Adiposity is associated with chronic low-grade systemic inflammation and increased inflammation in the hypothalamus, a key structure in feeding behavior. It remains unknown whether inflammation impacts other brain structures that regulate feeding behavior. We studied 44 overweight/obese and 19 lean individuals with MRI and plasma fibrinogen levels (marker of inflammation). We performed MRI-based segmentations of the medial and lateral orbitofrotal cortex (OFC) and hippocampal volumes. Gray matter (GM) volumes were adjusted for head size variability. We conducted logistic and hierarchical regressions to assess the association between fibrinogen levels and brain volumetric data.
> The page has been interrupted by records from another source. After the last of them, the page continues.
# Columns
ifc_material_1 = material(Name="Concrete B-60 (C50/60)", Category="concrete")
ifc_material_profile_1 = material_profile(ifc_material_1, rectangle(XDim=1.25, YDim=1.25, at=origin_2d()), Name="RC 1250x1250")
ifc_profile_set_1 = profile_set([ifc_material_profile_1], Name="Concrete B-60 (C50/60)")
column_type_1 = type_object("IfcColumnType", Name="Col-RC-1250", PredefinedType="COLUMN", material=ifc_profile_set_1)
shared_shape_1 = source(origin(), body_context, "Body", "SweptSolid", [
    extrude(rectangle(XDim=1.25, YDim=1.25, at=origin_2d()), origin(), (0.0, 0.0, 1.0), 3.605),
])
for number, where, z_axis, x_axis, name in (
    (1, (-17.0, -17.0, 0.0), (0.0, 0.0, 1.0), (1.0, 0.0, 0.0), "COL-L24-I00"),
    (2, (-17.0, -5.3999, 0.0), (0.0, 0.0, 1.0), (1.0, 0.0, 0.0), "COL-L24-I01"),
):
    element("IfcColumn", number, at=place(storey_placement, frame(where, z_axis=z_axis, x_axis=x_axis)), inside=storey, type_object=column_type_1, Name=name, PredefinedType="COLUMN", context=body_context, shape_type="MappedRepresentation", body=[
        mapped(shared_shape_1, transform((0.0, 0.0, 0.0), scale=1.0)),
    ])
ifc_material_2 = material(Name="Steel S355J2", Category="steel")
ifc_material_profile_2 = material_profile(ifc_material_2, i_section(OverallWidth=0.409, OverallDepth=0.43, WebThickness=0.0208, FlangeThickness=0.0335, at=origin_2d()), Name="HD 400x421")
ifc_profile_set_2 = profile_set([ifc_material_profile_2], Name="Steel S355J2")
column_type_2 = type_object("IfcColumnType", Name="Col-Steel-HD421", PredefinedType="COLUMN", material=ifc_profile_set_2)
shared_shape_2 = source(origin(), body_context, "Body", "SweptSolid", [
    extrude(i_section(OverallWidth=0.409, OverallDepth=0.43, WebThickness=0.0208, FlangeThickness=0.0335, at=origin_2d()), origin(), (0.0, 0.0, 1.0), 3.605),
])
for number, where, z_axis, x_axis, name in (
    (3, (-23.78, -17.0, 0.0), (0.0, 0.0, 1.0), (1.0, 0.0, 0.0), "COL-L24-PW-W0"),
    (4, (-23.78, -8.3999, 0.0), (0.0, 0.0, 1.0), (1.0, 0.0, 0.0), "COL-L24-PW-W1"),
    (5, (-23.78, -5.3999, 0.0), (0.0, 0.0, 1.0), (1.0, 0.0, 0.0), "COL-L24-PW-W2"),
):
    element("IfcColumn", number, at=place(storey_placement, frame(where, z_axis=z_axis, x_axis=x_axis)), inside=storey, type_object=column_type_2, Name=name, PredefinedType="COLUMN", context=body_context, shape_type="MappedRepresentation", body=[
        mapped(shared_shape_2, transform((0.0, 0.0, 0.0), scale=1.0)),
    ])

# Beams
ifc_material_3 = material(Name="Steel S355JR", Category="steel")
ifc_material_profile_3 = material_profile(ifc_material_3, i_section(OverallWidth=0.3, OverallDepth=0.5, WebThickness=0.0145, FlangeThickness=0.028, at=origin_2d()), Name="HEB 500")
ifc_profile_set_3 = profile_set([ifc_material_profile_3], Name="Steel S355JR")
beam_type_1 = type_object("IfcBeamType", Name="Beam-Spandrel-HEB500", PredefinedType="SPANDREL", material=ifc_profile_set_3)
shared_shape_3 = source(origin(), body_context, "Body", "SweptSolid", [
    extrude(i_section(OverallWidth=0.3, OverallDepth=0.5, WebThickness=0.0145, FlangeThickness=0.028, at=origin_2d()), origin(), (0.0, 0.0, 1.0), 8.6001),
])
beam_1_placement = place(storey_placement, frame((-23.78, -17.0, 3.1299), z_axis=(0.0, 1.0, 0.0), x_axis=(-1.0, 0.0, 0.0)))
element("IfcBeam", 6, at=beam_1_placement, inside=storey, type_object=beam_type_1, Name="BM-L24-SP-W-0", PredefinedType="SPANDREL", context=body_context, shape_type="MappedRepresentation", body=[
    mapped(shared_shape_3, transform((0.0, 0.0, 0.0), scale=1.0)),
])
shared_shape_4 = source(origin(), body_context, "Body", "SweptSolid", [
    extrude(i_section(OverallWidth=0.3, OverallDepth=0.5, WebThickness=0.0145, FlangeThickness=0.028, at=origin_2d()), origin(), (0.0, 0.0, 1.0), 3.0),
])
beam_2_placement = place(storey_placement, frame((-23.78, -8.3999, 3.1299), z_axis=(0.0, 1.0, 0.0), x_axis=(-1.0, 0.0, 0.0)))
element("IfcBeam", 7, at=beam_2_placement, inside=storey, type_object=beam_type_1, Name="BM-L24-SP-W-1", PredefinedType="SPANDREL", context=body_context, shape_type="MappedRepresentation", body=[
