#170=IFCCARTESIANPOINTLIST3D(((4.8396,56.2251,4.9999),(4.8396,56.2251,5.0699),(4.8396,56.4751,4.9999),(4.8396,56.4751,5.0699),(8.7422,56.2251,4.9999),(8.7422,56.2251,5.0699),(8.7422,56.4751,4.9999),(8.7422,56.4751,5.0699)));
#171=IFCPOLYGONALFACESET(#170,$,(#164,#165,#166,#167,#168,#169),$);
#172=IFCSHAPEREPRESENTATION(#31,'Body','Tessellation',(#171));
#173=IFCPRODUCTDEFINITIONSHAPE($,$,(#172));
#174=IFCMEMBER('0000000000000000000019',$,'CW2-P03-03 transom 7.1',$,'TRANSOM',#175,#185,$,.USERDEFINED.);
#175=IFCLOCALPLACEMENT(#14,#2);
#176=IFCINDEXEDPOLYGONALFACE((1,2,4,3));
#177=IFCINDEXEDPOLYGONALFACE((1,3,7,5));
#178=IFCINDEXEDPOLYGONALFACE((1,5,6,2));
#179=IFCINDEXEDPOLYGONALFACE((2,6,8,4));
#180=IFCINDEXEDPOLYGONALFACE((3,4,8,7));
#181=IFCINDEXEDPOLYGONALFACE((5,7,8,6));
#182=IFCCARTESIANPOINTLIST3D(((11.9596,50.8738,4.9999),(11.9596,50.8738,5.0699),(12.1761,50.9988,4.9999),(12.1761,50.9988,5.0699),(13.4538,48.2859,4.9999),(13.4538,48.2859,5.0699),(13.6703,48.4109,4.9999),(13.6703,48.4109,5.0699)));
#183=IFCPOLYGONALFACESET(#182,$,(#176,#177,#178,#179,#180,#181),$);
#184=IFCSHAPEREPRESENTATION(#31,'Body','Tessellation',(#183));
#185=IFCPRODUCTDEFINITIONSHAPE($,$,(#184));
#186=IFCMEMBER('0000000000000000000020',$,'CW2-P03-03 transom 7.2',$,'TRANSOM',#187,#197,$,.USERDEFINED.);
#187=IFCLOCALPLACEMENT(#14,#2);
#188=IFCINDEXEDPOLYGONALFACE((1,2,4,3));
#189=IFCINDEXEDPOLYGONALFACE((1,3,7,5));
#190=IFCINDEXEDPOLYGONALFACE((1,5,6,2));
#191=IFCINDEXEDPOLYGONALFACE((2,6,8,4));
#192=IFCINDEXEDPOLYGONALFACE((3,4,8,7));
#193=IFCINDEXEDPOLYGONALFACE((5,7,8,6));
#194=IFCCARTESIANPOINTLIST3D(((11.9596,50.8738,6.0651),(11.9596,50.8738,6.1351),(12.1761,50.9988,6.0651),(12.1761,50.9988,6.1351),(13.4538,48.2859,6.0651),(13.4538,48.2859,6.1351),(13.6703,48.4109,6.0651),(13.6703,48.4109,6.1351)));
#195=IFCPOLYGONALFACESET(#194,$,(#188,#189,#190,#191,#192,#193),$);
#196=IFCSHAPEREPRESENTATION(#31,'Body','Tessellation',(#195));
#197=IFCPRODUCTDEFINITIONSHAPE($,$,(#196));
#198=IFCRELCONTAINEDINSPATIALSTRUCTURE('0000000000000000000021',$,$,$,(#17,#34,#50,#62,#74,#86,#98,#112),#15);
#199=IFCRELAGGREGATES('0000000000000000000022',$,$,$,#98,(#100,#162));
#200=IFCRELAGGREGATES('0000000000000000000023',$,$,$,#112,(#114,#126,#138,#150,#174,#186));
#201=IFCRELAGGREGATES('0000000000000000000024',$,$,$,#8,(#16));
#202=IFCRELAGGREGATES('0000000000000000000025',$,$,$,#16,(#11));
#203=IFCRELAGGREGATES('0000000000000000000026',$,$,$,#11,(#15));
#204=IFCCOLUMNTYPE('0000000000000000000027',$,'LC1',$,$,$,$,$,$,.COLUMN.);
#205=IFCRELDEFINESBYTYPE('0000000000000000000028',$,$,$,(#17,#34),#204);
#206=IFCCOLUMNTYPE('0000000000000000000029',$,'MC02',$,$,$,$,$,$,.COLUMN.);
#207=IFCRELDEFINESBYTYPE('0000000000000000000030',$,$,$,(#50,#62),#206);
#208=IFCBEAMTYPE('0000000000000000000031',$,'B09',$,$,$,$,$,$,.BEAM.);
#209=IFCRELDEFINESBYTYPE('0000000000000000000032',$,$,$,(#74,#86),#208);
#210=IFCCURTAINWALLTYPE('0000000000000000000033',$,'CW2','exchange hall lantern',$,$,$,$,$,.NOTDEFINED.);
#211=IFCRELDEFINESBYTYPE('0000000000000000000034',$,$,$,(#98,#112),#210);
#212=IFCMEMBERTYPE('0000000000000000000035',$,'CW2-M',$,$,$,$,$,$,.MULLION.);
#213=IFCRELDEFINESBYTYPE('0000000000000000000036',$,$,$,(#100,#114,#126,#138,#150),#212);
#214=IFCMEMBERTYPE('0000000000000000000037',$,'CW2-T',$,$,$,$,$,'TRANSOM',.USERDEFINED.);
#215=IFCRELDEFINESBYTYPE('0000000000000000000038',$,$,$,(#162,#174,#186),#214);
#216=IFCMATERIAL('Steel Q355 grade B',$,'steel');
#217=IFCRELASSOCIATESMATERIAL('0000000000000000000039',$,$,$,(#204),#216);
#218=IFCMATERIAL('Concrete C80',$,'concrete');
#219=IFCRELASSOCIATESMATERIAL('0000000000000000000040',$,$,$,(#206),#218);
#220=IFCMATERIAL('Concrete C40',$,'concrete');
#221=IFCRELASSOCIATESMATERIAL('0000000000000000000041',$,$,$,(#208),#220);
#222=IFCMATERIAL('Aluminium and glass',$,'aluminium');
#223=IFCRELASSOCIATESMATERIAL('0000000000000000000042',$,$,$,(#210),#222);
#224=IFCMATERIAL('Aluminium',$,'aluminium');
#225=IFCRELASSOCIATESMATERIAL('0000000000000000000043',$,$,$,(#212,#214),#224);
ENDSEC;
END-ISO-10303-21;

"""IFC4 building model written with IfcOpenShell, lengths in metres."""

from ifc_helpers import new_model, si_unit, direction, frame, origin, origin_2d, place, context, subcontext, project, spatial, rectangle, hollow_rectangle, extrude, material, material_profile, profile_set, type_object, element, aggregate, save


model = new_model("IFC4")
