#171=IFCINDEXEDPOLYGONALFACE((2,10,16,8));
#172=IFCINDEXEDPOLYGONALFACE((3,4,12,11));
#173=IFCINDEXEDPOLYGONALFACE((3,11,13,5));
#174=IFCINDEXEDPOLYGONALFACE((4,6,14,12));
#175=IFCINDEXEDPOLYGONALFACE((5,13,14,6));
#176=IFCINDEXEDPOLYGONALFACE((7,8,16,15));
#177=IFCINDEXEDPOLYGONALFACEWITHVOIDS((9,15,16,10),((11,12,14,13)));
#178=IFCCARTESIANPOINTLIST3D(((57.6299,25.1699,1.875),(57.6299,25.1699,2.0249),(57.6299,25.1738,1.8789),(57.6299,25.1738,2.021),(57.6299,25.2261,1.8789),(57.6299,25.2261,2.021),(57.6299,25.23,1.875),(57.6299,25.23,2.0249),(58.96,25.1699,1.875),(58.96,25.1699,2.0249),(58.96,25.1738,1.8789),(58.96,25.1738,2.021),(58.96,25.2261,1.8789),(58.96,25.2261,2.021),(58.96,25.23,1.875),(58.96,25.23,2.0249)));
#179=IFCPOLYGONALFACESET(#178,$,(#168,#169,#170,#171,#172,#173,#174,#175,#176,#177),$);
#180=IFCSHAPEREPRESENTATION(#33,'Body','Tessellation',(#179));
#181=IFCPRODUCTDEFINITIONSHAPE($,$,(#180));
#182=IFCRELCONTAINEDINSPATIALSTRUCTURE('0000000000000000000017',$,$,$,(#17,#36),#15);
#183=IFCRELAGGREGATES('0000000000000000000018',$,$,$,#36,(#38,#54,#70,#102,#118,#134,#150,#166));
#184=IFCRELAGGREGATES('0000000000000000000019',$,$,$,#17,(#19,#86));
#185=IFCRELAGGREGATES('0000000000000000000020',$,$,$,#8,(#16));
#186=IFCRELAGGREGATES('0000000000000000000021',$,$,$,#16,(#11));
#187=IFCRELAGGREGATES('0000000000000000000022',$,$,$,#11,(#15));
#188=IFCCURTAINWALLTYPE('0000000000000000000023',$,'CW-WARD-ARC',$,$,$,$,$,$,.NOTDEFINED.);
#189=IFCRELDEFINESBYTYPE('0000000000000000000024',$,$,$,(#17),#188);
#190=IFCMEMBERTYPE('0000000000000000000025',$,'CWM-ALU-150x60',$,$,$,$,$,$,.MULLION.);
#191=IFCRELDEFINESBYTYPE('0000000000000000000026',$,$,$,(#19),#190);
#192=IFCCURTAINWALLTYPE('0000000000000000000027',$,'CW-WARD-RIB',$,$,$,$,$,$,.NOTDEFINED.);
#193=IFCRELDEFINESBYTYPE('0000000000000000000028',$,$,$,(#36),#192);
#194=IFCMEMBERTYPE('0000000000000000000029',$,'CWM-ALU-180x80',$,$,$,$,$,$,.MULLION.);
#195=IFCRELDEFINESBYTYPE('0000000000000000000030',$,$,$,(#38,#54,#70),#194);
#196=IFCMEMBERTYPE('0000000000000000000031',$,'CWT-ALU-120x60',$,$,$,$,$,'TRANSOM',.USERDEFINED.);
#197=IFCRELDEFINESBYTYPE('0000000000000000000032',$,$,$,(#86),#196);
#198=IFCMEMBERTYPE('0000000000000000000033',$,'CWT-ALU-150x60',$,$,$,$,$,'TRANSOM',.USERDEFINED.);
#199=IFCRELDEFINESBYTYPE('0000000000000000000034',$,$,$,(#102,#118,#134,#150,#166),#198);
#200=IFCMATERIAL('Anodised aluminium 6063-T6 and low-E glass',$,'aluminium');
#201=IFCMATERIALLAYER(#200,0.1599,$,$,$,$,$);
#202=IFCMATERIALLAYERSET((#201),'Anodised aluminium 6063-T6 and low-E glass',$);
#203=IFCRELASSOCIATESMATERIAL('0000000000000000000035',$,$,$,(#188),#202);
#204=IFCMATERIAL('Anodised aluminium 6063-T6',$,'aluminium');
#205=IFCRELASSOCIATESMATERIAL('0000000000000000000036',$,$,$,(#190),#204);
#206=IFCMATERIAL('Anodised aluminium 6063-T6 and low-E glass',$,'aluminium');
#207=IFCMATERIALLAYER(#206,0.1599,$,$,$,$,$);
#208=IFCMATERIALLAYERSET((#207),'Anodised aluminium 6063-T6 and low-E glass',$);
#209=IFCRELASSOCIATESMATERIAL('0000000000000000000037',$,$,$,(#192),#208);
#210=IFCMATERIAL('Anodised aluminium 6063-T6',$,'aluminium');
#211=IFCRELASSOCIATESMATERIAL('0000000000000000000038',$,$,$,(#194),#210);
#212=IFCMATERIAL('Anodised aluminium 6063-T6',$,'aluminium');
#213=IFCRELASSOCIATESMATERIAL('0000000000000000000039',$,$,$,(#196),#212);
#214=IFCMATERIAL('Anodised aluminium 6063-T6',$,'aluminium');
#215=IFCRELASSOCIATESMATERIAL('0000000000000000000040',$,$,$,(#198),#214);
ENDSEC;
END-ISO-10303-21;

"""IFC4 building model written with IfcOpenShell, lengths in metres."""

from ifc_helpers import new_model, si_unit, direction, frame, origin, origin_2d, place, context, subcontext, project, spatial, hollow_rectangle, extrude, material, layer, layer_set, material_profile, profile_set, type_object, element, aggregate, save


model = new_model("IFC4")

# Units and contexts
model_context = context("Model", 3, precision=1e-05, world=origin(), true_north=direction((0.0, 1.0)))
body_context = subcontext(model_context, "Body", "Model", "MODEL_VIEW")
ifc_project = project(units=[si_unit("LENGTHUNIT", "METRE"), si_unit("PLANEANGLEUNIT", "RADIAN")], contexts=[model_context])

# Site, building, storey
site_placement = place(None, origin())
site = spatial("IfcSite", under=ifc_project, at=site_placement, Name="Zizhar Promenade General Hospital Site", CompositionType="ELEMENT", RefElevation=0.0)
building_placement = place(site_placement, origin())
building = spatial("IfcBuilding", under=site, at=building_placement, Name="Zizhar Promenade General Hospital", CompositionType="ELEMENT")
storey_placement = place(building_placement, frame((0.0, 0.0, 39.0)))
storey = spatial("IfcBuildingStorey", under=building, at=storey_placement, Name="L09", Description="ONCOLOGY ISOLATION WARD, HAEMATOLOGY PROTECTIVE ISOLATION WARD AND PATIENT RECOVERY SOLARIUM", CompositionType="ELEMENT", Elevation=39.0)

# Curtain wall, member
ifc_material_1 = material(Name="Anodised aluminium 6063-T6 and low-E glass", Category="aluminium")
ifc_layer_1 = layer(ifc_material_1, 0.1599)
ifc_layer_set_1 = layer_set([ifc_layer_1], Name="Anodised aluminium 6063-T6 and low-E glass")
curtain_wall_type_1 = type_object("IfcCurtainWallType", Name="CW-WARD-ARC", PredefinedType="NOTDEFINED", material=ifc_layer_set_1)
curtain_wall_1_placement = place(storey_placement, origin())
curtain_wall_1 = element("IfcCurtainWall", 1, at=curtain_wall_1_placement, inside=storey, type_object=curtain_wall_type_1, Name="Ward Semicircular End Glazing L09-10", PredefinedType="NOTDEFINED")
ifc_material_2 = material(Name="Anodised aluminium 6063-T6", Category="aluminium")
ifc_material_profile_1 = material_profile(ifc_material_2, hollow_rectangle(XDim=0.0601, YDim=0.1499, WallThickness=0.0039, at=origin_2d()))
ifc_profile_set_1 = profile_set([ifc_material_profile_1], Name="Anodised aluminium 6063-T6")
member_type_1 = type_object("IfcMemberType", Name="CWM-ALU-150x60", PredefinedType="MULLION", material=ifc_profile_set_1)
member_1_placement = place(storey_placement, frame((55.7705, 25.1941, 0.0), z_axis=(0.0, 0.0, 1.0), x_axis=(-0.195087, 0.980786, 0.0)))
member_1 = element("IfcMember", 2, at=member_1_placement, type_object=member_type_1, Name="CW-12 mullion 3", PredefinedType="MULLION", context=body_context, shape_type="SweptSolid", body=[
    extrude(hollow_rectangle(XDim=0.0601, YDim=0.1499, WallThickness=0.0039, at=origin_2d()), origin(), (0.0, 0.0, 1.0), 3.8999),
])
Using diffusion tensor imaging (DTI), we created apparent diffusion coefficient (ADC) maps and conducted voxelwise correlational analyses. Fibrinogen concentrations were higher among the overweight/obese (t=-2.33, P=0.023). Lateral OFC associated together with fibrinogen correctly classified those with excess of weight (accuracy=76.2%, sensitivity=95.5%, specificity=31.6%). The lateral OFC volumes of overweight/obese were negatively associated with fibrinogen (r=-0.37, P=0.016) and after accounting for age, hypertension, waist/hip ratio and lipid and sugar levels, fibrinogen significantly explained an additional 9% of the variance in the lateral OFC volume (β=-0.348, ΔR2=0.093, ΔF P=0.046). Among overweight/obese the associations between GM ADC and fibrinogen were significantly positive (P<0.001) in the left and right amygdala and the right parietal region. Among lean individuals these associations were negative and located in the left prefrontal, the right parietal and the left occipital lobes. This is the first study to report that adiposity-related inflammation may reduce the integrity of some of the brain structures involved in reward and feeding behaviors.